Postgresql – What configurations affect the speed of DDL statements in PostgreSQL

ddlperformancepostgresqlquery-performance

I would like to setup PostgreSQL in such a way that dropping and recreating the entire database (~100 tables/views + a few rows per table) is as fast as possible.
This is for a development environment where data integrity is not important.
This database reset will happen very often.

What are the configuration options that might help with this (or psql meta commands that can help speed this process up)

EDIT:
Imagine i have a single sql file (that i constantly edit and save) that creates everything needed in an empty database.

BEGIN;
CREATE TABLE ...
INSERT INTO ...
CREATE TABLE ...
INSERT INTO ...
COMMIT;

I need it to run as fast as possible, right now it takes a few seconds even for about 10 tables, i would like it to be under 1 sec

Best Answer

In what sense is database integrity not important? Even if you don't care about integrity, if the production database doesn't accept entries in table baz because of a foreign key constraint against table bar, do you want that constraint emulated in development? Or do you want to find out you forgot about it when you move to production? Personally, I would not sacrifice integrity in development.

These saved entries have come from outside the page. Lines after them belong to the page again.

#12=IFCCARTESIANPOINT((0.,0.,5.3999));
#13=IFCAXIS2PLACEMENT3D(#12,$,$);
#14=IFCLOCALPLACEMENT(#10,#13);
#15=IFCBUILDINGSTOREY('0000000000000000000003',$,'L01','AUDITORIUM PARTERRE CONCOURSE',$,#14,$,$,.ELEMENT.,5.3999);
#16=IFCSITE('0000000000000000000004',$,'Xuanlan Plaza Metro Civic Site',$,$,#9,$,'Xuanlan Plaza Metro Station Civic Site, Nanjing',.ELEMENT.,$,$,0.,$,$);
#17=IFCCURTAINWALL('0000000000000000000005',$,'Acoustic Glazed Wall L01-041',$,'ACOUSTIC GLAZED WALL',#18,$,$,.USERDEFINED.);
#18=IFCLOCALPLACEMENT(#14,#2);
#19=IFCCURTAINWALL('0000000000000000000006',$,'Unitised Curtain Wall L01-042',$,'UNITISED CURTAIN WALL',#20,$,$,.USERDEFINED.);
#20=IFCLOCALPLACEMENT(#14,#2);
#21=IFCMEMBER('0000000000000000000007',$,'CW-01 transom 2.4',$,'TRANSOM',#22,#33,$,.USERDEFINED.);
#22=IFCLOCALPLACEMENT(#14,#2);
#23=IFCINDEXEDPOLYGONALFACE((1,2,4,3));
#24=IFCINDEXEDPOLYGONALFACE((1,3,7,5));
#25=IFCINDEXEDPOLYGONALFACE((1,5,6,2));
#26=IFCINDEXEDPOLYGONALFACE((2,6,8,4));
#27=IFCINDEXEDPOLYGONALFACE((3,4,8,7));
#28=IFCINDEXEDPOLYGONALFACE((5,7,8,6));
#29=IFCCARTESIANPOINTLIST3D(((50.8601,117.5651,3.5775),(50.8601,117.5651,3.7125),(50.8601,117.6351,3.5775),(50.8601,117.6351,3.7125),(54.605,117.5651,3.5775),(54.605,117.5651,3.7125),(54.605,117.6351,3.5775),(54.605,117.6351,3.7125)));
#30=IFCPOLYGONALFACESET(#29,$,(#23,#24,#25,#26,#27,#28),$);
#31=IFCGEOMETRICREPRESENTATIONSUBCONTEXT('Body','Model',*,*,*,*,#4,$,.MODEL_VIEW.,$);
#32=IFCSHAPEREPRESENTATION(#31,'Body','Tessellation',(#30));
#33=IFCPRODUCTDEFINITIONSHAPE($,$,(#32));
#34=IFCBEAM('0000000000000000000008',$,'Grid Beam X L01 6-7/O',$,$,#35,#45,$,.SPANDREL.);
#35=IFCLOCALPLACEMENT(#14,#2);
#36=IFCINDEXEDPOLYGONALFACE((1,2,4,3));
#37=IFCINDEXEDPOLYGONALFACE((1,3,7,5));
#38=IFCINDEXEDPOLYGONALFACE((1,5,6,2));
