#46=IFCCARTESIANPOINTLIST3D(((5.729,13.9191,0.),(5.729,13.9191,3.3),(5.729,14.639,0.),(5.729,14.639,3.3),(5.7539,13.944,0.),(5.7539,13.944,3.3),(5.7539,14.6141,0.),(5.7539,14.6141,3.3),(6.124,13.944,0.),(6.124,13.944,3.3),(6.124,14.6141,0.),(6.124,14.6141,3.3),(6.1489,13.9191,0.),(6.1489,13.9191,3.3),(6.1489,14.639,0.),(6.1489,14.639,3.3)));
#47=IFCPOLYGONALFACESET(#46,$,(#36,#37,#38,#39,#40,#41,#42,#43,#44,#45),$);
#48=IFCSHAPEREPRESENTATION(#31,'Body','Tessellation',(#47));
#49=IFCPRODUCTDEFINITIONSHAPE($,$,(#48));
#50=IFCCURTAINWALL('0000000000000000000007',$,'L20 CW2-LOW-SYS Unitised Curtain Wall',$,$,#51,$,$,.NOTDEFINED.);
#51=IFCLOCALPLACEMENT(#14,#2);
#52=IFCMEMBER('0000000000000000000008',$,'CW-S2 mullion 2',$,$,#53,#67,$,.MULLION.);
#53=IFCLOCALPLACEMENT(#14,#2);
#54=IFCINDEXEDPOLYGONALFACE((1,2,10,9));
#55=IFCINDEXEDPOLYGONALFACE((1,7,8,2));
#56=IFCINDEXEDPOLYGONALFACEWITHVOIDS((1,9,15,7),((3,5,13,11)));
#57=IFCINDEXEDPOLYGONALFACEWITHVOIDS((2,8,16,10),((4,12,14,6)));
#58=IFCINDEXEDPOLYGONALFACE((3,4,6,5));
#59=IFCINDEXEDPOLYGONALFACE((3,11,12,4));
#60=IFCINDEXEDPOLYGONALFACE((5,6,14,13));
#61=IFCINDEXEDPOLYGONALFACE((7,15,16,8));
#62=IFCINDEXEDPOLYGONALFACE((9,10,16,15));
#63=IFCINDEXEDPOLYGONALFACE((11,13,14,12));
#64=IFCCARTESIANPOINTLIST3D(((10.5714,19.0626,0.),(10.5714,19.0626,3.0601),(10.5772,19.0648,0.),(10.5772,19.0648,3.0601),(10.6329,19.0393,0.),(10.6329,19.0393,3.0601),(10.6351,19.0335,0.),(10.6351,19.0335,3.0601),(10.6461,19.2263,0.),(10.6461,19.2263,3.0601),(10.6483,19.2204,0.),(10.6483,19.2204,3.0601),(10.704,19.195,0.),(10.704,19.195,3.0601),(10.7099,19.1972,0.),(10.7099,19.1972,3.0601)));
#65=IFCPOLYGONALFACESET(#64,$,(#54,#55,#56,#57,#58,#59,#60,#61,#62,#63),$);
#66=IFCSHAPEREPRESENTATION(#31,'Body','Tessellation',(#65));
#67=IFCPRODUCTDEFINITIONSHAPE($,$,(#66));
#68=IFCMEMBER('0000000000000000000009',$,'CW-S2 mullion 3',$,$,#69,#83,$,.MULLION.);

Official toolkit, pg_dump, pg_restore

I would personally use pg_dump and pg_restore. They're configurable, user-friendly and very easy to use. That said, there are faster options but I have never had a need for them for my use cases. The official tools do not support binary dumps, but they also work between versions fairly well. pg_restore -1 will wrap the whole thing in a transaction and disable WAL.

Raw Data with TABLESPACE

If you're willing to make raw backups you can get far greater speed. You can do this,

  1. Create a a folder somewhere like /data/dbs chown it to be owned the user/group postgres

    mkdir -p /data/dbs;
    chown postgres:postgres /data/dbs;
    
  2. Make this into a TABLESPACE

    CREATE TABLESPACE dbspace LOCATION '/data/dbs';
    
  3. Create a database there..

    CREATE DATABASE foobar WITH TABLESPACE = dbspace;
    

Now you can connect to -d foobar. And do some stuff.

CREATE TABLE foo ( idfoo serial PRIMARY KEY, name text );
CREATE TABLE baz ( idbaz serial, idfoo int REFERENCES foo );
INSERT INTO foo (name) VALUES ('foo'), ('bar');
INSERT INTO baz (idfoo) SELECT idfoo FROM foo;

Now you can disconnect.. you can copy the data-directory to backup. this process can be scripted easily. For me,

  • the data directory is PG_9.5_201510051 for you it may different.
  • the command to stop PostgreSQL runs though /usr/sbin/service (I use Ubuntu)

So for me, it looks like this.

sudo service postgresql stop
sudo cp -pR PG_9.5_201510051/ backup
sudo service postgresql start

Reconnect.

DROP TABLE foo CASCADE;

Then when disconnect and again stop the service we can restore the backup (also easily scripted),

service postgresql stop;
cp -pR backup/ PG_9.5_201510051/

Upon reconnecting, foo is magically back and restored. You can't get faster than this...

Not fast enough?

If this isn't fast enough. In the event your database has TB of data or something crazy.

  • You can use rsync to only synchronize files changed.
  • You can likely use ZFS snapshots or BTRFS snapshots on a block device mounted to the data directory. YMMV.